FIFA has confirmed that just 48 hours before the start of the tournament in Qatar, alcohol will be banned for World Cup fans. The news that it will not be sold in or around the stadiums was confirmed by FIFA in a brief statement Friday afternoon.
“Following discussions between host country authorities and FIFA, it has been decided to focus alcoholic beverage sales on the FIFA Fans Festival, other fan destinations and licensed venues, and to remove beer outlets around Qatar’s 2022 World Cup stadiums.
“The sale of Bud Zero, which will continue to go on sale at all Qatar’s World Cup stadiums, has no impact.”
“The tournament organizers appreciate AB InBev’s understanding and continued support for our shared commitment to address everyone during the Fifa World Cup Qatar 2022.”
However, football’s governing body will be watching over their shoulders nervously at the prospect of taking legal action against Budweiser, who has a $75m (£63m) sponsorship deal with Fifa and will likely view it as a major breach of contract.
Since the news was deleted just before it became official, the US beer brand has said in a tweet: “Well, that’s weird…”
The sale of alcohol is tightly controlled in Qatar, a conservative Muslim country, but organizers promised that alcohol would be available in match halls and fan zones, as well as reasonably priced.
But he has now decided that alcohol will only be found in the hospitality boxes at matches, where the cheapest suites cost around £20,000 per match, and in some fan zones after 7pm, where it will cost around £12 for 500ml of Budweiser.
The Guardian understands that the decision was made after the Qataris, as the host nation, decided that everyone in World Cup stadiums should feel comfortable – and that wouldn’t be the case if fans were seen drinking alcohol or getting drunk.
For them, this is a tournament with a lot of fans from Gulf and Asian countries, where drinking alcohol is not part of the culture. And while there are some non-alcoholic fan zones in Doha, it’s hard to escape people drinking in a stadium.
However, it is unclear why they made this decision now and not within 12 years of qualifying to host the World Cup. Until recently, organizers had always said they would find a middle ground between the tastes of Western fans and Qatar’s conservative culture.

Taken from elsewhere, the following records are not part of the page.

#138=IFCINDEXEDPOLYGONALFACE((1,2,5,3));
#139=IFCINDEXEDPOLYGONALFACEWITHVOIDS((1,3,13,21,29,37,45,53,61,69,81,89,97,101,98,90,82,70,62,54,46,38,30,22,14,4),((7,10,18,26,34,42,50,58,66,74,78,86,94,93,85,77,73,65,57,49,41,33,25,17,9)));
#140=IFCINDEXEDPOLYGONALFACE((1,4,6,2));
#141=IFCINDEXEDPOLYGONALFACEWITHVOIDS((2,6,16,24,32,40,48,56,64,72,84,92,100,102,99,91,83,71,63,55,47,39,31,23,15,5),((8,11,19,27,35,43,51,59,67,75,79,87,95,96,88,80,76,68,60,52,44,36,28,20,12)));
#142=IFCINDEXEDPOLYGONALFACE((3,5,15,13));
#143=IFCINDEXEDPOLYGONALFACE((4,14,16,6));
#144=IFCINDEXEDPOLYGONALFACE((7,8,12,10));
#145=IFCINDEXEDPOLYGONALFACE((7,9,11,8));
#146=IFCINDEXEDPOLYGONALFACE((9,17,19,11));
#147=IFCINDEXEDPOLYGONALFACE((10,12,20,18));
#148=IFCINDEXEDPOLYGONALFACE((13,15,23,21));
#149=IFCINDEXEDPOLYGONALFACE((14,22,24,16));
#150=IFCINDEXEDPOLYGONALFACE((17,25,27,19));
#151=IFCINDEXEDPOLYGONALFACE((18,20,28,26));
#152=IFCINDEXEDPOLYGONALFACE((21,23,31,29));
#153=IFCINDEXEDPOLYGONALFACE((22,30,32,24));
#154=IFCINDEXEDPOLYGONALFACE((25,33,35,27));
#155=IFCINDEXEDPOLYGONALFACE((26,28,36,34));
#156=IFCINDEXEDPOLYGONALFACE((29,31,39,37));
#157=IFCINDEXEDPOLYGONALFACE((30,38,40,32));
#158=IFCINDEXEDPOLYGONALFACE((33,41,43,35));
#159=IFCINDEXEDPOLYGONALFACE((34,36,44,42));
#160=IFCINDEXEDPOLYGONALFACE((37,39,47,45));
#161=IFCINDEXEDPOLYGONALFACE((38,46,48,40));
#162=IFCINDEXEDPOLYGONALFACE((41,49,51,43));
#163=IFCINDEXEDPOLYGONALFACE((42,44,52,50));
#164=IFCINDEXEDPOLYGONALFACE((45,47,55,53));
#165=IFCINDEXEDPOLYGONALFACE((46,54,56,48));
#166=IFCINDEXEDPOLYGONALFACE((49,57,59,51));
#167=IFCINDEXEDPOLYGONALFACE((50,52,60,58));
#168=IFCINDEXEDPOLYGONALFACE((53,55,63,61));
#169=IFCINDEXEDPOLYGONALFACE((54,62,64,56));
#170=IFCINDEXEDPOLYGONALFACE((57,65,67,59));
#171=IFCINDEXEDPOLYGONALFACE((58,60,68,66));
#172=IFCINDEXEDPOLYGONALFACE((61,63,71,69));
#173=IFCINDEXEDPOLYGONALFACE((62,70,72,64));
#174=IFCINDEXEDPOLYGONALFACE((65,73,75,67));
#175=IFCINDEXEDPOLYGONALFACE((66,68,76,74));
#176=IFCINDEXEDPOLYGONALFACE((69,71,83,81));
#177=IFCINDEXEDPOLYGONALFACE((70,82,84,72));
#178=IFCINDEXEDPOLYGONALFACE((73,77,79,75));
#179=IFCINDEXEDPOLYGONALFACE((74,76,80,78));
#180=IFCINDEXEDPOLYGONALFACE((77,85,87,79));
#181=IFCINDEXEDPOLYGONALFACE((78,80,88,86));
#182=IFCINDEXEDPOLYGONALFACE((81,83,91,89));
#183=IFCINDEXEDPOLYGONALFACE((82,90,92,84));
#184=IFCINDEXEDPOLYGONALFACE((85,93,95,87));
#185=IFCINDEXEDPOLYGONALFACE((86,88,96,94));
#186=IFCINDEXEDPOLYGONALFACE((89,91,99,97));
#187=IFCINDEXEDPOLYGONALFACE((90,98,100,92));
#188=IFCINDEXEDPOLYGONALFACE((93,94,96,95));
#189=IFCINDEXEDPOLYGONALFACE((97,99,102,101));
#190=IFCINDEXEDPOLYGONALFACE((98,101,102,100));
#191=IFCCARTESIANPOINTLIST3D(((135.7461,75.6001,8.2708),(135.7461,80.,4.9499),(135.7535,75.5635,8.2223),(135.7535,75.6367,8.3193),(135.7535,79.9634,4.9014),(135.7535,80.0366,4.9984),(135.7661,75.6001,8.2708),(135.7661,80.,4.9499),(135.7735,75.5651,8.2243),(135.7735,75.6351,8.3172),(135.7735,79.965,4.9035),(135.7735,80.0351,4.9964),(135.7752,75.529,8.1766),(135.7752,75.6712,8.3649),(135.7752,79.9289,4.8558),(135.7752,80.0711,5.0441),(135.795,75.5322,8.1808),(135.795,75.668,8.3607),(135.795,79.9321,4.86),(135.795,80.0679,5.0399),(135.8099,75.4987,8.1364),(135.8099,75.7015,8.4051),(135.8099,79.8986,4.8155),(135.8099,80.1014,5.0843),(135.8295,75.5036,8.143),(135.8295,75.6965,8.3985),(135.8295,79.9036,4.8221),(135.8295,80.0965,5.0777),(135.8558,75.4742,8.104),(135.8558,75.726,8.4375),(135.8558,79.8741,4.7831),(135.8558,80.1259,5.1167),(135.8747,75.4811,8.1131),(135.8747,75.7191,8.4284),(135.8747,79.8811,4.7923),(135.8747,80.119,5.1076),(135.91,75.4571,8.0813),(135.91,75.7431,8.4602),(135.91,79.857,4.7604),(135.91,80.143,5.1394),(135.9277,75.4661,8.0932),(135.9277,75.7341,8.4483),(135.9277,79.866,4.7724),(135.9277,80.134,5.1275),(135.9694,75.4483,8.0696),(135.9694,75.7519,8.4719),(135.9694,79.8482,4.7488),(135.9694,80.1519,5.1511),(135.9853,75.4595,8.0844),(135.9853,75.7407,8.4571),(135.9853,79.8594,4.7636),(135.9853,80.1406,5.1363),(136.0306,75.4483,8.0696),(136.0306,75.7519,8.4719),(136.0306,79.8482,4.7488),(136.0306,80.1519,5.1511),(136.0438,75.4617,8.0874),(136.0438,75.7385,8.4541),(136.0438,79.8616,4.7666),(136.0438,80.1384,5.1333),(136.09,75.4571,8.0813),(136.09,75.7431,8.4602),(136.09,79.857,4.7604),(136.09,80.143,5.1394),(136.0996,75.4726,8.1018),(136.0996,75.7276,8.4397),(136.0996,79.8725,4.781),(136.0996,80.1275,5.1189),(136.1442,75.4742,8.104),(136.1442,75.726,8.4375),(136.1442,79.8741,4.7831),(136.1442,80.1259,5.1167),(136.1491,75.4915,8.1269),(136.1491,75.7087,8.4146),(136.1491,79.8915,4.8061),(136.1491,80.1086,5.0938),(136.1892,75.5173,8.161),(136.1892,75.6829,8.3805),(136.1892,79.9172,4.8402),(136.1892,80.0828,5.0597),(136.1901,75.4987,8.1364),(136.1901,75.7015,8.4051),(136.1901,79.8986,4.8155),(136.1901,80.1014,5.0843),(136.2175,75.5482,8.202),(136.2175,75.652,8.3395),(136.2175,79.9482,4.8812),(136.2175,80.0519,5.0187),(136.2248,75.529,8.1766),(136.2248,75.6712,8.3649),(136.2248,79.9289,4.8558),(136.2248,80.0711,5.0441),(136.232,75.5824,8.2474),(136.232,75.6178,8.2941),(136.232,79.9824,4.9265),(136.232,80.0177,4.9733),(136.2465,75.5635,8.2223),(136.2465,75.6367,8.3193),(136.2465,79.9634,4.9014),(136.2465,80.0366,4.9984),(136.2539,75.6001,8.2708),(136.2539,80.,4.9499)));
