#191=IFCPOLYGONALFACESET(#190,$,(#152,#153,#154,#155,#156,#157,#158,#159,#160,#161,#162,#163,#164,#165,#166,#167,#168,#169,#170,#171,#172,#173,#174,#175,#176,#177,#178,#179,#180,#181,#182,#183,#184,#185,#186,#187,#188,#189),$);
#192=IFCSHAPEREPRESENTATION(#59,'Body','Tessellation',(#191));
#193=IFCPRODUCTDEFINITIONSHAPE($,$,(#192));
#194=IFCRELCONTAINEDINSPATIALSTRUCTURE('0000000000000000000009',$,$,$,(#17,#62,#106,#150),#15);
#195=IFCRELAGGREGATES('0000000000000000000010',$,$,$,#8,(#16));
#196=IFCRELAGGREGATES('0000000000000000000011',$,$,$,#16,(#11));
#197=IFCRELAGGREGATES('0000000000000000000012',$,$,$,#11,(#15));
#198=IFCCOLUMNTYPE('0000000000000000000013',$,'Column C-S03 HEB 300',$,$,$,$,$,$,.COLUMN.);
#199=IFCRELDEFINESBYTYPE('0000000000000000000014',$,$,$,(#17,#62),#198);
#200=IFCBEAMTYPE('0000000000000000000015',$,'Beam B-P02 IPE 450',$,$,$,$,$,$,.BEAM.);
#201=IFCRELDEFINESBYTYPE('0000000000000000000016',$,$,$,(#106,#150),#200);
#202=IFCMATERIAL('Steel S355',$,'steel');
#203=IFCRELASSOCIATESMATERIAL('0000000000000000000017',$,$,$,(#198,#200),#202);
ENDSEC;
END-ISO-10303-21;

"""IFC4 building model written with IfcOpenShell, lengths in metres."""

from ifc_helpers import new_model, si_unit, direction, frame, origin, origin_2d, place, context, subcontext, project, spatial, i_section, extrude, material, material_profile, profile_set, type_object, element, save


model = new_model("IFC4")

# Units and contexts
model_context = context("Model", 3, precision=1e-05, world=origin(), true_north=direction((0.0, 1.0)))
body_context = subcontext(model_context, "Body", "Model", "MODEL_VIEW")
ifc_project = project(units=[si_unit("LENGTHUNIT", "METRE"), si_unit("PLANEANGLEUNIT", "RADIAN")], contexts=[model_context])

This message was most recently echoed by the High Committee’s head of communications, Fatma al-Nuaimi, who said: “When it comes to alcohol, even without alcohol, it’s part of our hospitality culture. There will be designated areas where drinks will be served, especially in the supporters’ zones. So where fans gather It will be there, but obviously not on the streets.”
The association’s official fan guide also states that “ticket holders will have access to Budweiser, Budweiser Zero and Coca-Cola products within the stadium perimeter for at least three hours before and one hour after games.”
The news was met with frustration by the Football Fans’ Association, which questioned whether the Qataris could now be trusted with their other promises.
“Some fans like beer at the game, some don’t, but the real issue is a last-minute U-turn that addresses a broader issue – the lack of communication and clarity from the organizing committee to fans,” a spokesperson said.
“If they suddenly change their minds on the matter without any explanation, fans will have understandable concerns about whether they will deliver on their other promises regarding housing, transportation or cultural issues.”